I agree though there is a big difference in being fifty and being seventy. Maybe instead of the blanket of "Boomers", just divide it by decade. More logical...your teen years are what shape you ultimately IMHO.


----------



## Arachne (Feb 23, 2016)

SifuPhil said:


> Another Boomer here, but not by choice - I too would have preferred living long before my time.
> 
> I was a hippie at the tail-end of that movement, but never a yuppie, preppie or Lord forbid a Goth or hipster.

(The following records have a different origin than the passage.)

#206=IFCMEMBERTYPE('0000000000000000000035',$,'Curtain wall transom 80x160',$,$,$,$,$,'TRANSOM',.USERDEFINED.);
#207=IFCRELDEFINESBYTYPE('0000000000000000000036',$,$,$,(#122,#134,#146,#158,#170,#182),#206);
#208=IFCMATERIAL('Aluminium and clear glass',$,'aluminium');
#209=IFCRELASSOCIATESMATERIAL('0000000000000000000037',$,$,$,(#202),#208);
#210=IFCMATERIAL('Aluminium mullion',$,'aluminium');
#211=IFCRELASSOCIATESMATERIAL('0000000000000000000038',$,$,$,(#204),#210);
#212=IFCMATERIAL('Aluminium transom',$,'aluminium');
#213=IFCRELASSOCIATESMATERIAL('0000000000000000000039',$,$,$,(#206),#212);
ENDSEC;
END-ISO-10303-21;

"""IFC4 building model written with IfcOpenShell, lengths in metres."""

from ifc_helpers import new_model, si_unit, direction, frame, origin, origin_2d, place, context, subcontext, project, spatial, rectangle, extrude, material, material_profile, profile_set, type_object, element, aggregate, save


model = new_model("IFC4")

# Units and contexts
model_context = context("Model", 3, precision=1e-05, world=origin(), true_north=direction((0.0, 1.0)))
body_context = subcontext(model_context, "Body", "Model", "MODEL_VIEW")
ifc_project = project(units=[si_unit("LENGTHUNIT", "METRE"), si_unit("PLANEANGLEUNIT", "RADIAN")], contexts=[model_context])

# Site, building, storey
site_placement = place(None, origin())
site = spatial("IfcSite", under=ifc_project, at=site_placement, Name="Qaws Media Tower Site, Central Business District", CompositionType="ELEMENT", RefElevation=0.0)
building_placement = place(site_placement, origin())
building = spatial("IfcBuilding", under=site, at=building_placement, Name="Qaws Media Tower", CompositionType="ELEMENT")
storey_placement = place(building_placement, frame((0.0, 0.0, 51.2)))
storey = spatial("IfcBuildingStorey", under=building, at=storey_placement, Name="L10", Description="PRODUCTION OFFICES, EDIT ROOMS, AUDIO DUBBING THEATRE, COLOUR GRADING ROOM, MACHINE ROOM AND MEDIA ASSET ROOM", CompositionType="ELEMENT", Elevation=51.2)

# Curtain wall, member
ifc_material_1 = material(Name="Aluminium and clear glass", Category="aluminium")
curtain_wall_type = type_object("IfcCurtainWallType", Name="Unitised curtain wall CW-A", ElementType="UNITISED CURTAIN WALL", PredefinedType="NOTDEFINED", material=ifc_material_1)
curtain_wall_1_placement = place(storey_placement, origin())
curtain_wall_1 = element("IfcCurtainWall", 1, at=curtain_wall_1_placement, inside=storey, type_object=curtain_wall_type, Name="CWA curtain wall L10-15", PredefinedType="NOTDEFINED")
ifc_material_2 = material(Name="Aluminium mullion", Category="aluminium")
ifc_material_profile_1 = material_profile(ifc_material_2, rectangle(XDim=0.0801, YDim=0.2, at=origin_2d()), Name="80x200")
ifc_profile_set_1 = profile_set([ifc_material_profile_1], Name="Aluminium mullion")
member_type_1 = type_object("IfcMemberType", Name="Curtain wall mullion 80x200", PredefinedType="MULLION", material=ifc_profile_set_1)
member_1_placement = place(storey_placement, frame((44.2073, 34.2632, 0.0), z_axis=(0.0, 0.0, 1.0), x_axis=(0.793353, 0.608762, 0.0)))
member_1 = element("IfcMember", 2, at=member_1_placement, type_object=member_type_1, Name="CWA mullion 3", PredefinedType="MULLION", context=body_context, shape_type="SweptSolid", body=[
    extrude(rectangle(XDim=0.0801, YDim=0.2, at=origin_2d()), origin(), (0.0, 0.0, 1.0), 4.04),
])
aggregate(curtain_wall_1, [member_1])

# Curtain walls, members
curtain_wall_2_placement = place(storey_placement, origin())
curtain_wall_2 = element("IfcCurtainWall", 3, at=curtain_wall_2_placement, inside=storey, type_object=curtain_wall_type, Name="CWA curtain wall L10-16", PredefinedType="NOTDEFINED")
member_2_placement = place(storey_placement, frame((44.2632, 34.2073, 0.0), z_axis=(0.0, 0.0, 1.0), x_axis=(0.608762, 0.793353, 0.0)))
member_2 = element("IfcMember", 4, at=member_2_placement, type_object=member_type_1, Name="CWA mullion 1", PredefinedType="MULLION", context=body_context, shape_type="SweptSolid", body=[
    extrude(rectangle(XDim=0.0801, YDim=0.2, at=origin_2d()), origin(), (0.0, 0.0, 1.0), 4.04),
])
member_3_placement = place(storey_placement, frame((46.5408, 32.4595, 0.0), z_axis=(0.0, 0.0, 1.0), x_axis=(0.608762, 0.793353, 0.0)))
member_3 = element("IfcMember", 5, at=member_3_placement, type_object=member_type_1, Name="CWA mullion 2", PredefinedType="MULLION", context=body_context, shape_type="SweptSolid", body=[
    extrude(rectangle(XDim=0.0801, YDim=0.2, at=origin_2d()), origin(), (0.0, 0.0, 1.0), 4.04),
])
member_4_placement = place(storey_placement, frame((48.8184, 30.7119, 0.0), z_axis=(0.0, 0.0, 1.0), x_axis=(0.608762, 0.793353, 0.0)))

This would be me also, but I admit to my punk faze lol Mum hit the roof when I wanted to put a safety pin through my cheek. Luckily I did not do it. How would I explain it to my kids, let alone my future grandson..haha pass the doobie please..


----------



## fureverywhere (Feb 23, 2016)

Here ya go...I rolled a few more in honor of the Midnight Special thread...for some reason "Sheena is a Punk Rocker" popped in my head. I had the record. Then some years later hubby worked security at one of their shows. His hearing was fuzzy for a week after. But I think there are advantages to being a late boomer.

My Mom grew up in the 30's. I grew up in the late 70's. There wasn't much in the way of cultural connection except Bette Midler...who she hated...singing "Boogie Woogie Bugle Boy". With my kids we shared music even clothes to an extent. There was also more connection to the counter culture.

Basically I can't forbid you to smoke or get tattoos after a certain age but I want you to think over such things carefully. Oh and tats on your hands, face, or neck are going to limit your career choices. Ditto for piercings and any other painful procedure. My Mom didn't know I had my first tattoo for years.


----------



## Shalimar (Feb 23, 2016)

Hippie  boomer. Gonna share Fur? I got brownies! The good ones. I want a motorcycle. Anyone for a road trip?


----------



## GeorgiaXplant (Feb 23, 2016)

What about the rest of us? You've got brownies and only sharing with fur? I'm not feeling very Silent Generation right now...I WANT BROWNIES, too.

Shalimar, those aren't called Donorcycles for no reason; just get some cool tats and be satisfied with those (I've got two). Maybe we could get a Greyhound bus and retrofit to suit ourselves for a road trip. Or even for living in. I bet Phil will be willing to drive so that we can party hearty...


----------



## Shalimar (Feb 23, 2016)

Awesome Georgia! Can we paint the outside all funky? What shall we name our bus? I think Philly will drive us. I am happy to share my brownies with you, as long as you know what is in them. Lol. A party on wheels, so cool.


----------



## fureverywhere (Feb 23, 2016)

Wait I have an idea, I'll have several brownies then go out and do the detailing on the bus...it's gonna be AWESOME! Get your bags packed kids...Philly you can MapQuest Mexico...


----------



## GeorgiaXplant (Feb 23, 2016)

We can paint it any way we like. As for a name, maybe we'll have to have a contest. I'm fresh outta ideas. 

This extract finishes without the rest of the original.